Mechanical watch
Do you wear a watch? The answer is probably no, but if you do, you’re probably of an, ahem, more experienced generation, or your watch has the computing power of a 2010-era iPhone. However, I wear a watch, I’m a millennial, and my watch has zero ability to do any sort of computations.
I love my mechanical watch.
Every once in a great while I encounter somebody else with a mechanical watch. For those in the know, it’s possible to immediately identify such watches, so long as they have a second hand. Whereas quartz watches have a second hand that ticks once per second — tick….tick…tick… — mechanical watches beat at least four times per second — ticktickticktickticktick — so the second hand assumes a smooth “sweep” motion from afar. There are exceptions, notably the tuning-fork-driven Accutron, but if you see a real, working Accutron on somebody’s wrist, ask the person about it, because I can guarantee it will make their day.
Mechanical watches are, in every objective sense, terrible timepieces. They stop if you don’t wear them for a few days, they’re nowhere near as accurate as quartz watches even if you do wear them religiously, they require periodic maintenance, and they’ll break if you subject them to even moderate physical insult. So why bother? Because they’re amazing.
They are purely mechanical systems, reliant only on Newtonian physics, that can do something remarkable: keep time, and (usually) recharge themselves. You can the movement doing its thing through the skeleton back present on many mechanical watches, so there is no mystery to it — except for how the designers came up with the ideas, how the machinists/robots produced such precise parts, and, for automatic watches at least, how the whole thing manages to run solely on the tiny bit of energy harvested from the mundane routine movement of one’s arm. It’s all observable, it’s all knowable, and yet it’s magical.

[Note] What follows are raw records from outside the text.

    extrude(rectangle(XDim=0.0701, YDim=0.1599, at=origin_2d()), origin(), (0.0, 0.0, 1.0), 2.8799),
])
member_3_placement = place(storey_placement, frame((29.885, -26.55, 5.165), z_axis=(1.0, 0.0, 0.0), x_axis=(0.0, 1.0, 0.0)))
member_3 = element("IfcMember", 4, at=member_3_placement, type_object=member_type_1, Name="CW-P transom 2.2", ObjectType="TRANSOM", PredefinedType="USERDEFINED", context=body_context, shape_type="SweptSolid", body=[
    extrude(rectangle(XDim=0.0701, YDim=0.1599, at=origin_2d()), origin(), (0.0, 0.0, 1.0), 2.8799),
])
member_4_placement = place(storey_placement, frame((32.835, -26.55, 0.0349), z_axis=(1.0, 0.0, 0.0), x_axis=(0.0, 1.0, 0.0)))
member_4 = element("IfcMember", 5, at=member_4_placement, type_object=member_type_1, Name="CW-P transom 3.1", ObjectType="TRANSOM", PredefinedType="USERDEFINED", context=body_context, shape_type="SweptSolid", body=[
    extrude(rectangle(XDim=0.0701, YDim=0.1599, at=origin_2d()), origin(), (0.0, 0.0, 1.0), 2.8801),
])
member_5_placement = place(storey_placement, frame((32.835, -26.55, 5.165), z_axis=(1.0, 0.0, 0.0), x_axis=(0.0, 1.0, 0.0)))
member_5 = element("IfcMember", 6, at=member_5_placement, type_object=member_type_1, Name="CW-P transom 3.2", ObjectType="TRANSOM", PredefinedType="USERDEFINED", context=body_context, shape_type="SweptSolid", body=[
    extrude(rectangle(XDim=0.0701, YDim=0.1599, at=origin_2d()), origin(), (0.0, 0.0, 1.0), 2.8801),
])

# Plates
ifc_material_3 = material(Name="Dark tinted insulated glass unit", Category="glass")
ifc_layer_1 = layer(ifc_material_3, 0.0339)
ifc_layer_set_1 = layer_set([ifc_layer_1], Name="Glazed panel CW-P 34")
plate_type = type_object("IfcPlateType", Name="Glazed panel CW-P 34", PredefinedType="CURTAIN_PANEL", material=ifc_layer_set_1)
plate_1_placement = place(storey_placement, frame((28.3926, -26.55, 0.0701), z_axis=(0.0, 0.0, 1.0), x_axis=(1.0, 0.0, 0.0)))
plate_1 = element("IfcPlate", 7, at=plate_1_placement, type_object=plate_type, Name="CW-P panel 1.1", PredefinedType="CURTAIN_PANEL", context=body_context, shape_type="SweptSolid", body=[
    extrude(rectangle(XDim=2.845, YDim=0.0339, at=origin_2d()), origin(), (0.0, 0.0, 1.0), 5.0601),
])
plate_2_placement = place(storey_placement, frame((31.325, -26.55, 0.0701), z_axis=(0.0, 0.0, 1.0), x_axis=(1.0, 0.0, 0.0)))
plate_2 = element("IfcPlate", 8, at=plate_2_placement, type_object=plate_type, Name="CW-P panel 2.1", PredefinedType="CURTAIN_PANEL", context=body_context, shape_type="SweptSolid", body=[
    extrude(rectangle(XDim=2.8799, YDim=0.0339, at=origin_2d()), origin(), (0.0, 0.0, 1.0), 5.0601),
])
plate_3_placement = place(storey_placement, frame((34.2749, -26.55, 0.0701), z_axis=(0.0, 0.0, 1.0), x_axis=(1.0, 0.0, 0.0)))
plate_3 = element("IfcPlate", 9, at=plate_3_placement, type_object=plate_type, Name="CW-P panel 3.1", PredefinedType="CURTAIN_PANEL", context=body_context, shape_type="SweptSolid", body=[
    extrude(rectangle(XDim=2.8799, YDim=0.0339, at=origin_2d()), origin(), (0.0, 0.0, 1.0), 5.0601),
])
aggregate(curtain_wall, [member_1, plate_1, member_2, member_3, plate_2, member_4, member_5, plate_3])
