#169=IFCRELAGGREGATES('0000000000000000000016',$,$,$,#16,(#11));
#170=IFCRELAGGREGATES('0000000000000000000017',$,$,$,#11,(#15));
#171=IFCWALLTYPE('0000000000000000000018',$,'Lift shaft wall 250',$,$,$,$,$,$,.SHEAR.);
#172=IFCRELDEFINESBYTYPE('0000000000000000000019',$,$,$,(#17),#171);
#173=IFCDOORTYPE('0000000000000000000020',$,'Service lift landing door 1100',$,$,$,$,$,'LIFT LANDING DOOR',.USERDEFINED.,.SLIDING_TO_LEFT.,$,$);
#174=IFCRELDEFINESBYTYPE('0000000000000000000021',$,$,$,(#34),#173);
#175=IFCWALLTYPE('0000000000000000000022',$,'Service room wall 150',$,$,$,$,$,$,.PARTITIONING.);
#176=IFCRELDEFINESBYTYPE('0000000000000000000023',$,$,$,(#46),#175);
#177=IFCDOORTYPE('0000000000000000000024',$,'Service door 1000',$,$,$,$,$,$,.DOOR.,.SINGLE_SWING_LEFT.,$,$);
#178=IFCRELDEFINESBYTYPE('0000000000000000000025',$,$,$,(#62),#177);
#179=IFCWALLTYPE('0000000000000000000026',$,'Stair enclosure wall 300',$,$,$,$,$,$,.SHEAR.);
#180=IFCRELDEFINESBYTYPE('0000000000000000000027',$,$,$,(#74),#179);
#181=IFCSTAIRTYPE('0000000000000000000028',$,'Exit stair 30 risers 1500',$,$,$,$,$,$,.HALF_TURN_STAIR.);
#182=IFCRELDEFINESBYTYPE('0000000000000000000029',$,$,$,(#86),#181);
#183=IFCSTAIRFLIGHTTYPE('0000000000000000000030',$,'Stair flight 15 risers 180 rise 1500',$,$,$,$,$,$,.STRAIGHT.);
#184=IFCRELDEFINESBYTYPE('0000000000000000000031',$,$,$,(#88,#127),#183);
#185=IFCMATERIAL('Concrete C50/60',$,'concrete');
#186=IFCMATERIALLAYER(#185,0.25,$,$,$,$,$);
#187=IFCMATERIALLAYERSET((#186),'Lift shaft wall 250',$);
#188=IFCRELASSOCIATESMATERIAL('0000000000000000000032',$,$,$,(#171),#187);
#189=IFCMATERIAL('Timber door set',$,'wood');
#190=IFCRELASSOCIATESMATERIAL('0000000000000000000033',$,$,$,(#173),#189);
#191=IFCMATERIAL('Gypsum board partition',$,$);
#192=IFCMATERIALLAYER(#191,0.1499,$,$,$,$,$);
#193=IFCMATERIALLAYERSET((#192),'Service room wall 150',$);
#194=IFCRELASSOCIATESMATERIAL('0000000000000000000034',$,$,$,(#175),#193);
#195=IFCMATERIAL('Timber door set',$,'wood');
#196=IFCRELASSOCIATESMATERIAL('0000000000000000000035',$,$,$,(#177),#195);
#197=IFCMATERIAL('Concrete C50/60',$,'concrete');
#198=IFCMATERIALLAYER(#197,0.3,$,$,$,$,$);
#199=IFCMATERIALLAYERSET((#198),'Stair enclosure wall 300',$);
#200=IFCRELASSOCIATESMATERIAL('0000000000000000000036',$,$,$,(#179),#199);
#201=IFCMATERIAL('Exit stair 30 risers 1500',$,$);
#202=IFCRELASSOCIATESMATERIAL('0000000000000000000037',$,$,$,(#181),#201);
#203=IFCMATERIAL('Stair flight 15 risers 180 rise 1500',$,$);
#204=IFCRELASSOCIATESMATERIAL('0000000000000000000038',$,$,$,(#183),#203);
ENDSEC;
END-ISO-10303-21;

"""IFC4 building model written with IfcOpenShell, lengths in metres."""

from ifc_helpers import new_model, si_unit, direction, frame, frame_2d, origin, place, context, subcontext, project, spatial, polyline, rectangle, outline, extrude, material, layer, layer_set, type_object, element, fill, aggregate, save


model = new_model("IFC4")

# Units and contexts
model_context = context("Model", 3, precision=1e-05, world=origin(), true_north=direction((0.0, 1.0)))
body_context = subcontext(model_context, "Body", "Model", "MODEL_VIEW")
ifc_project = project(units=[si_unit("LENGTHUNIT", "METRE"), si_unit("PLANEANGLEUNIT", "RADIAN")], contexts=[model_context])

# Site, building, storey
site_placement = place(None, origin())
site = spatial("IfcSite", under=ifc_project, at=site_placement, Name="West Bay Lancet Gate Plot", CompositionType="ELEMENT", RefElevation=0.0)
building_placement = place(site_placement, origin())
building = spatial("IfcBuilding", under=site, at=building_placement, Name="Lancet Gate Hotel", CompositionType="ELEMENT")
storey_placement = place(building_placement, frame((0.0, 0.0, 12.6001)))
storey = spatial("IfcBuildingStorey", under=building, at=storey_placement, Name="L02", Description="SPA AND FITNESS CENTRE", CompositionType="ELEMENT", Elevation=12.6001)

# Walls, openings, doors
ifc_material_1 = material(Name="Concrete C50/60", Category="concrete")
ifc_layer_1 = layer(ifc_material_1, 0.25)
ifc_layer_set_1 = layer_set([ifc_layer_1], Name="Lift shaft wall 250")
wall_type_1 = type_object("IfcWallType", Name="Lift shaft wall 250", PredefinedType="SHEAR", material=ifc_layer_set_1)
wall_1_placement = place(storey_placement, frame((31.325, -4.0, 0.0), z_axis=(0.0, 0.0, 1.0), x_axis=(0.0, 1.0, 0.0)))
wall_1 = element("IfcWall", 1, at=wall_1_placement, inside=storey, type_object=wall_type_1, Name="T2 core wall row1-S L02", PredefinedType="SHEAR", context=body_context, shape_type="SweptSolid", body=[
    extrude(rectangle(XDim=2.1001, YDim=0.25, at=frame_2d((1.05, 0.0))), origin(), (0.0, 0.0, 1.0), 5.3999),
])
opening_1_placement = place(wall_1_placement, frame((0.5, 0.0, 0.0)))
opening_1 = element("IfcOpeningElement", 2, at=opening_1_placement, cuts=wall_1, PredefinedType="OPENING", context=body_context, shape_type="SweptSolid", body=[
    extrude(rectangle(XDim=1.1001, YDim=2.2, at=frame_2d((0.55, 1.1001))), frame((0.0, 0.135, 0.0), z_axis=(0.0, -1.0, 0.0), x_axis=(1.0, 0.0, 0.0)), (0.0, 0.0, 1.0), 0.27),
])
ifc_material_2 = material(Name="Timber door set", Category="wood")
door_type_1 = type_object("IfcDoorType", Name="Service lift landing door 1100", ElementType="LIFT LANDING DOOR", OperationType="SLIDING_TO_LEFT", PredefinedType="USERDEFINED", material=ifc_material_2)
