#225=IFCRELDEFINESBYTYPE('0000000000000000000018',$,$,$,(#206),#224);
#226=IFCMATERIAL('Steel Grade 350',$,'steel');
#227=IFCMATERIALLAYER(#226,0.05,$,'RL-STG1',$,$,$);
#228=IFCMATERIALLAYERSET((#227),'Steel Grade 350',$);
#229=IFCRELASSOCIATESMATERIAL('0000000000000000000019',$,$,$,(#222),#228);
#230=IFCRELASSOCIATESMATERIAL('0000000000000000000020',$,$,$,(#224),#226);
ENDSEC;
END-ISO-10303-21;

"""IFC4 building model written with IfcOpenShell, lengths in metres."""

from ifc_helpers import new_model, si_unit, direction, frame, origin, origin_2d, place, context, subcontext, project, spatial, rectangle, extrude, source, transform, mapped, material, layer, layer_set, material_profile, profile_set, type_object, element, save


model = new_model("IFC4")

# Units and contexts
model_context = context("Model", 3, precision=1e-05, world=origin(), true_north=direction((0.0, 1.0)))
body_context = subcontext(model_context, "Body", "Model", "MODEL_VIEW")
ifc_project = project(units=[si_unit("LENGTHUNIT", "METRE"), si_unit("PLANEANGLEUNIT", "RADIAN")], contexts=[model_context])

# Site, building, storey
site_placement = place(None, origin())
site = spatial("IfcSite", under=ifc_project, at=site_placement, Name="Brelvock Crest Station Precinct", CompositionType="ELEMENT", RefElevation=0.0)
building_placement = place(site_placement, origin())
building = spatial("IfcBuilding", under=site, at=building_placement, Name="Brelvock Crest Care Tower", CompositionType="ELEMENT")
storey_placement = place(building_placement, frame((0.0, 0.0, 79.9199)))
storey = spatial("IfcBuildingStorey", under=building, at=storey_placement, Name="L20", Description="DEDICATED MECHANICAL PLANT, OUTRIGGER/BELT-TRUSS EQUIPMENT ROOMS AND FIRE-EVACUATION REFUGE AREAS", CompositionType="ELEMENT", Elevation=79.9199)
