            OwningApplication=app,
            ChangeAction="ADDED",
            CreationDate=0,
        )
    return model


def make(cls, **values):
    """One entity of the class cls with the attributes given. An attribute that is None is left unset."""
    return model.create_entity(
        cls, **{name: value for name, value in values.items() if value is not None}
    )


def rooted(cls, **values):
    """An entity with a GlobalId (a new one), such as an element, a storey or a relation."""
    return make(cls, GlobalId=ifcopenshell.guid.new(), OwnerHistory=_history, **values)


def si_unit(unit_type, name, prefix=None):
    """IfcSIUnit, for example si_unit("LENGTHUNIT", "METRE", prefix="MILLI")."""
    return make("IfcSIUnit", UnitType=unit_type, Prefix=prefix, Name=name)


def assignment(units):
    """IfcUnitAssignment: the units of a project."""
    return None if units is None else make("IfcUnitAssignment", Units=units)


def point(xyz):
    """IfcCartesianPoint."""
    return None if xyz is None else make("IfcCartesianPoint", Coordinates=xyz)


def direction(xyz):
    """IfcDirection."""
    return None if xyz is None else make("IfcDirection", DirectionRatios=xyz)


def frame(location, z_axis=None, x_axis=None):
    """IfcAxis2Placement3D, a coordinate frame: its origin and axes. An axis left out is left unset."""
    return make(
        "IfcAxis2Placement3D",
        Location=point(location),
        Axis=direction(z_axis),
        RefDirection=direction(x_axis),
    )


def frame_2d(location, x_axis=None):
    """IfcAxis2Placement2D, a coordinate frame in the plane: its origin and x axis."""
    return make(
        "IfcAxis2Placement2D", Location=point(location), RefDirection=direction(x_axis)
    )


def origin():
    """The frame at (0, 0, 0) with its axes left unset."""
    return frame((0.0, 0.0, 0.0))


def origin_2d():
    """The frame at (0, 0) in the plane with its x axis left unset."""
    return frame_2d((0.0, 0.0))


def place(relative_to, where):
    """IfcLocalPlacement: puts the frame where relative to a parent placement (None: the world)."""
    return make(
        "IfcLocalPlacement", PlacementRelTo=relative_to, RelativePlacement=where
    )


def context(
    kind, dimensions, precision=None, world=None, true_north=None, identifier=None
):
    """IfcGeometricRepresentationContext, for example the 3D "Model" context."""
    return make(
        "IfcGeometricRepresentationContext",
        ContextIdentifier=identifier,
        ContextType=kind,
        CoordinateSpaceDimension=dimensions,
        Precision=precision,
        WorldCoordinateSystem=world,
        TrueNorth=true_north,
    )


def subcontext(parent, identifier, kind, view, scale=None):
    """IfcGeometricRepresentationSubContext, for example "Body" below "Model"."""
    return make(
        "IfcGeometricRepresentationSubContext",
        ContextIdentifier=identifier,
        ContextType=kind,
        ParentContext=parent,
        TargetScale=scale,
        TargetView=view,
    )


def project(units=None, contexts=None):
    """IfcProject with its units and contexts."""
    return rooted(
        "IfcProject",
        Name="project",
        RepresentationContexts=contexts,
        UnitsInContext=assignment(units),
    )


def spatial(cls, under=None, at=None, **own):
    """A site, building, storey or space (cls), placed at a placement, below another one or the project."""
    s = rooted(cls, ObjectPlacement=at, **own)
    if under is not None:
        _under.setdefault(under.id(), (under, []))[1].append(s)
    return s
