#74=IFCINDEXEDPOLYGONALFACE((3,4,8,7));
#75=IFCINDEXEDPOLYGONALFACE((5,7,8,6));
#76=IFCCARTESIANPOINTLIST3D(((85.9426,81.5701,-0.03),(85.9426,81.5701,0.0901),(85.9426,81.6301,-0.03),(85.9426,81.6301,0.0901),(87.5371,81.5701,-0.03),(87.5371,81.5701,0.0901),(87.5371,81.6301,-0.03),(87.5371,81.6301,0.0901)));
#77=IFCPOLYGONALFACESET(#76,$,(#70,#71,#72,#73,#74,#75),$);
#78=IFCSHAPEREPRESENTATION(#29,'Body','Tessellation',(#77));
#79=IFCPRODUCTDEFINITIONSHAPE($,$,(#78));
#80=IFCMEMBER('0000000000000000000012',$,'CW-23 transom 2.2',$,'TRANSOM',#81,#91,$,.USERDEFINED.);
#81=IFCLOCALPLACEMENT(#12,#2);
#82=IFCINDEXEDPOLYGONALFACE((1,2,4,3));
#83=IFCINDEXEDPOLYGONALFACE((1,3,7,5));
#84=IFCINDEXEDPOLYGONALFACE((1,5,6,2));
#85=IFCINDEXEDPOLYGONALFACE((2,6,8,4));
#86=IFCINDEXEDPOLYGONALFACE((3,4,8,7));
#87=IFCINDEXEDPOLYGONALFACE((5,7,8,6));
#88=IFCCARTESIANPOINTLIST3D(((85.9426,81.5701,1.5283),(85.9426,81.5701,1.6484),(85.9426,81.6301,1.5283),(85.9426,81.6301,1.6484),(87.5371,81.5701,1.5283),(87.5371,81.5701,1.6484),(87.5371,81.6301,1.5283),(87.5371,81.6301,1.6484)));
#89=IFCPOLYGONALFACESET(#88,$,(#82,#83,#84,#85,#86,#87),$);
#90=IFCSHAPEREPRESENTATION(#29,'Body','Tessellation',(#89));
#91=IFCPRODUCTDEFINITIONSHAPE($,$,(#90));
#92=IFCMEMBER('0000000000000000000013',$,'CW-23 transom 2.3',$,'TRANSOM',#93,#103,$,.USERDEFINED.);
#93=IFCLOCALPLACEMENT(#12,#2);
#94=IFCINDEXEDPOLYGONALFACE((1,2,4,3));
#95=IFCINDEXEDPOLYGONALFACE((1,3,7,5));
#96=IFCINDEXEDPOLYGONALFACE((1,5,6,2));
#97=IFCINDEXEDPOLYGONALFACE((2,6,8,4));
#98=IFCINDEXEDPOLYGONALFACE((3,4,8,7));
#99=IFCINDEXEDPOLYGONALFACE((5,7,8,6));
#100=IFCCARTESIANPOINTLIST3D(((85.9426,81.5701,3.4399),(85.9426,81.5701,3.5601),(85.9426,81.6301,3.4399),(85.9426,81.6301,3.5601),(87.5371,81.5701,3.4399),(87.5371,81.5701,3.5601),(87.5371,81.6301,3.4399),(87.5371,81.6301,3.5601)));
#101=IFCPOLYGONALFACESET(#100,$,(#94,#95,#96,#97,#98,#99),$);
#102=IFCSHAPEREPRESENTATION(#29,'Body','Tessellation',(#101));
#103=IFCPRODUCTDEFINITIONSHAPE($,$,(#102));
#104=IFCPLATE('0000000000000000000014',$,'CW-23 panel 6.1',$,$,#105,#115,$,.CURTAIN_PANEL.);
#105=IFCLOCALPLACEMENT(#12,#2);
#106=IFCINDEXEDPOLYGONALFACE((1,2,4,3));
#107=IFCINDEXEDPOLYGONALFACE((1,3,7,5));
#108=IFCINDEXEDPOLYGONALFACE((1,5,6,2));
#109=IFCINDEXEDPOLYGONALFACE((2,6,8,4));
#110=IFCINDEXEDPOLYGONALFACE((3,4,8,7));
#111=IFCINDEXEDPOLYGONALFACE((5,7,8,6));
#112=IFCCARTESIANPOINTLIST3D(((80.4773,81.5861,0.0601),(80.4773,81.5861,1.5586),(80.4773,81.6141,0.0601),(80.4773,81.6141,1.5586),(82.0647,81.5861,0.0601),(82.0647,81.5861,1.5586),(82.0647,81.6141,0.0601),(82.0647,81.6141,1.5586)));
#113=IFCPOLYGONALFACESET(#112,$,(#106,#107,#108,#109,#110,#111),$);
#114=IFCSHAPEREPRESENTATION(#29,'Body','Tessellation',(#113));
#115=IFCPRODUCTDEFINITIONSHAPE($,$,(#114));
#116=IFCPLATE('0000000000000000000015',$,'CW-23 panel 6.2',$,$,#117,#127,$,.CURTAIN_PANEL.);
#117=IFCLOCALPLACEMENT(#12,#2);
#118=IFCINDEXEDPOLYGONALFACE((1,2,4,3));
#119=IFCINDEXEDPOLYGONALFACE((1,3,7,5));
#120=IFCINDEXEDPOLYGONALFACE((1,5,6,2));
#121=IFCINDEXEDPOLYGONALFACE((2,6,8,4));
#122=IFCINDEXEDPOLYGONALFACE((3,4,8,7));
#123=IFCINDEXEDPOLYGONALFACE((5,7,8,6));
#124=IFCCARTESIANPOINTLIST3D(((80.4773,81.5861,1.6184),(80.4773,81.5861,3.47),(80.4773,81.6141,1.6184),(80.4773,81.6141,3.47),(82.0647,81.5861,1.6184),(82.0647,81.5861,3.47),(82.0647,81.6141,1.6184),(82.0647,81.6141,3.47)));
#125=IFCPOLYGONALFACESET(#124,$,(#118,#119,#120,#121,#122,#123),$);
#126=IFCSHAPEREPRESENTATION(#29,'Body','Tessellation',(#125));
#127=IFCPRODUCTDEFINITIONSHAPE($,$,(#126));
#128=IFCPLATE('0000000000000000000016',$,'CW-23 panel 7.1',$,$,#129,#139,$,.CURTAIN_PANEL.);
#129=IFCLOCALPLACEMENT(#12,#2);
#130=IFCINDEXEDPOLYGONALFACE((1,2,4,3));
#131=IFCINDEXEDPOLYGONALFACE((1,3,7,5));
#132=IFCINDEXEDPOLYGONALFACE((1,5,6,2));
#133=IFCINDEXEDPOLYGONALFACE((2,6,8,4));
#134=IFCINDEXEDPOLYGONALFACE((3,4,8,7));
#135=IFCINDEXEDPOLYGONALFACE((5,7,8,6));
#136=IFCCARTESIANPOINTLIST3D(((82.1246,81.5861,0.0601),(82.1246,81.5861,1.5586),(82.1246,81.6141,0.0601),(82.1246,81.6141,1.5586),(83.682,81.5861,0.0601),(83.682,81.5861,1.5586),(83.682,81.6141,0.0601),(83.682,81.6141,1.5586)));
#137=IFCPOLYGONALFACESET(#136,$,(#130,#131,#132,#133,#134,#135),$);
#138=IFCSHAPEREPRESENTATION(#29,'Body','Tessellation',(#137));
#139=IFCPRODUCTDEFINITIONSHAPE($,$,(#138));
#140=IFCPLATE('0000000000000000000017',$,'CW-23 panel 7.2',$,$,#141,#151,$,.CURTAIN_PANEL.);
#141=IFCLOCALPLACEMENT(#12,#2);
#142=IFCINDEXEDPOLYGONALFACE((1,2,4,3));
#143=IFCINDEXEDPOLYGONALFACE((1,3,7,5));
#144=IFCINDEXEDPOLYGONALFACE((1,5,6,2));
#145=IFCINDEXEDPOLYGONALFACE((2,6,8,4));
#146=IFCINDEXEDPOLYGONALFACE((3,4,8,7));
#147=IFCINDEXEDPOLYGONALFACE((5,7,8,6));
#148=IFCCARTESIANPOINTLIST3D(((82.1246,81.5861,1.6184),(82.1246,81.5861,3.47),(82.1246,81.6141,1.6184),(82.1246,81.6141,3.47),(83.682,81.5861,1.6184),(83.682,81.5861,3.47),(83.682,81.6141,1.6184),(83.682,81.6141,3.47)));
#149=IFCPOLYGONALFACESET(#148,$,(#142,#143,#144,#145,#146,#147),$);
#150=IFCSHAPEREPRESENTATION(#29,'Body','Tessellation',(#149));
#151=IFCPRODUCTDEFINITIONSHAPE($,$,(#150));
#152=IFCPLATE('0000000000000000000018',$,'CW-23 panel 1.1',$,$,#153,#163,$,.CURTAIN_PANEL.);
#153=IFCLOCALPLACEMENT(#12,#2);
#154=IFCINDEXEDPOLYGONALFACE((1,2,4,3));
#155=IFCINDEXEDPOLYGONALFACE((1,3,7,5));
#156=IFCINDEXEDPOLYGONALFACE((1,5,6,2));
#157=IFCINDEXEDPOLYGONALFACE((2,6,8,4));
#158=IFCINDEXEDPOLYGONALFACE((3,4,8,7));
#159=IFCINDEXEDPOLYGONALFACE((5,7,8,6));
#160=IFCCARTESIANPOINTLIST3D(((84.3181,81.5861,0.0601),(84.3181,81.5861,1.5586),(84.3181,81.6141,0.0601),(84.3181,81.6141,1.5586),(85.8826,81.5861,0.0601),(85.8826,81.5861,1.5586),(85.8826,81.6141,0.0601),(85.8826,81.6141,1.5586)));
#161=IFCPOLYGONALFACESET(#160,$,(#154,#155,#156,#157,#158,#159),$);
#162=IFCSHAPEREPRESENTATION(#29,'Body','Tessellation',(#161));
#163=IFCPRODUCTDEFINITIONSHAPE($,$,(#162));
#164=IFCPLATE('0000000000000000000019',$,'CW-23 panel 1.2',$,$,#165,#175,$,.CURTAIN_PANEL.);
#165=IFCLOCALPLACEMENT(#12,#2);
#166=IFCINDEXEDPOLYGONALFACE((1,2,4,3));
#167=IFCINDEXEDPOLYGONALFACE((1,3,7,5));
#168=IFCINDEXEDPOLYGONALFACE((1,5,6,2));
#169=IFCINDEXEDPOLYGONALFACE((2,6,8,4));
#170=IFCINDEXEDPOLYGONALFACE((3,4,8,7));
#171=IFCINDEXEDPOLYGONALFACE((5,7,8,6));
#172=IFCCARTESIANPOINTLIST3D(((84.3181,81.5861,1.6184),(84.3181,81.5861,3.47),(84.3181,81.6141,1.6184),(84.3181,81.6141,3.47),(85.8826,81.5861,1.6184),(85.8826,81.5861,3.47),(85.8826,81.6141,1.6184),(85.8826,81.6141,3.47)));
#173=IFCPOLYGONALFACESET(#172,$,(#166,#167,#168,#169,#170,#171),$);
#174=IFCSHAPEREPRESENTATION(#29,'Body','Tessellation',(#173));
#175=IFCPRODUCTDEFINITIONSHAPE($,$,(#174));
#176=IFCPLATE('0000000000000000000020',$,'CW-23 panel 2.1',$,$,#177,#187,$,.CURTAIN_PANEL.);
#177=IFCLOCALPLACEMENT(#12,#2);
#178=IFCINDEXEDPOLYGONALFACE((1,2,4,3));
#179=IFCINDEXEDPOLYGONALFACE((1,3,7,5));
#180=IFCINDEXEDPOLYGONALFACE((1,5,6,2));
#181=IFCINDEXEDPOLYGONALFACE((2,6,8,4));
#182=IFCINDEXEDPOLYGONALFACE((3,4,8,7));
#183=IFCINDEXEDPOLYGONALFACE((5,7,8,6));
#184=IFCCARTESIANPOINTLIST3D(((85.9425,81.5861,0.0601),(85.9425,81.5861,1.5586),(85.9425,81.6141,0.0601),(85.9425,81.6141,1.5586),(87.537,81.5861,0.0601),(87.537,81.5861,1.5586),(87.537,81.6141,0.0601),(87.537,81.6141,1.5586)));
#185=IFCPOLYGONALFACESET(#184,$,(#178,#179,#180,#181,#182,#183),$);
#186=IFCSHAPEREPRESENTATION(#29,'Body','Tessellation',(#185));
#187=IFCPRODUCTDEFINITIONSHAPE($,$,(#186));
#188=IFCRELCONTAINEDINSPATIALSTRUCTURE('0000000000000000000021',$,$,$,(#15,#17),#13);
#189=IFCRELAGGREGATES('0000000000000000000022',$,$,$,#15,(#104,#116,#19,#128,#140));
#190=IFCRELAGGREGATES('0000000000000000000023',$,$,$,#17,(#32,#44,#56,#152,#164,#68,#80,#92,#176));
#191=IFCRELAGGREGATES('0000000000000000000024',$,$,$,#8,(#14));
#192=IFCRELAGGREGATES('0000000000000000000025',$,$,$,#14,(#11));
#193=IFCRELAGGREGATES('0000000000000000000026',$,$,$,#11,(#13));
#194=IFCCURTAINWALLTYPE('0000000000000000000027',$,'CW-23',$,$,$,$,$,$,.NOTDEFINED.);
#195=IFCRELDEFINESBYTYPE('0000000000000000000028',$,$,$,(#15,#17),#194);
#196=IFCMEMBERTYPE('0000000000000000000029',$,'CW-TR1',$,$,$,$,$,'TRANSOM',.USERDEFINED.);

Many high-end watches are still mechanical. Brands like Rolex, TAG Heuer, Breitling, and others more expensive and obscure feature purely mechanical movements as options if not defaults in their pieces. I, on the other hand, have worn a simple Seiko 5 Sports automatic since 2015. It’s not as fancy as the watch it replaced — the crystal is some sort of glass instead of sapphire, the body is stainless steel instead of titanium, and so on — but unlike that other watch, it’s mechanical! My Seiko has been reliable, but it’s cheap enough that if I were to break it I’d simply get a new one. I’ve seen another person wearing a Seiko 5 Sports only once, at an automobile race track several years ago. We exchanged knowing acknowledgements.
Even today, I’ll sometimes take the watch off my wrist and put it next to my ear, just to listen to the “tickticktick” of the balance wheel at the heart of the movement. I’ll flip it over and watch its rhythmic motion beat away the moments. And then I’ll return it to my arm and employ it in its utilitarian raison d’être, using it as my go-to source of time and date information. Some pull out their phones all the time; I save time by telling it from my mechanical wristwatch.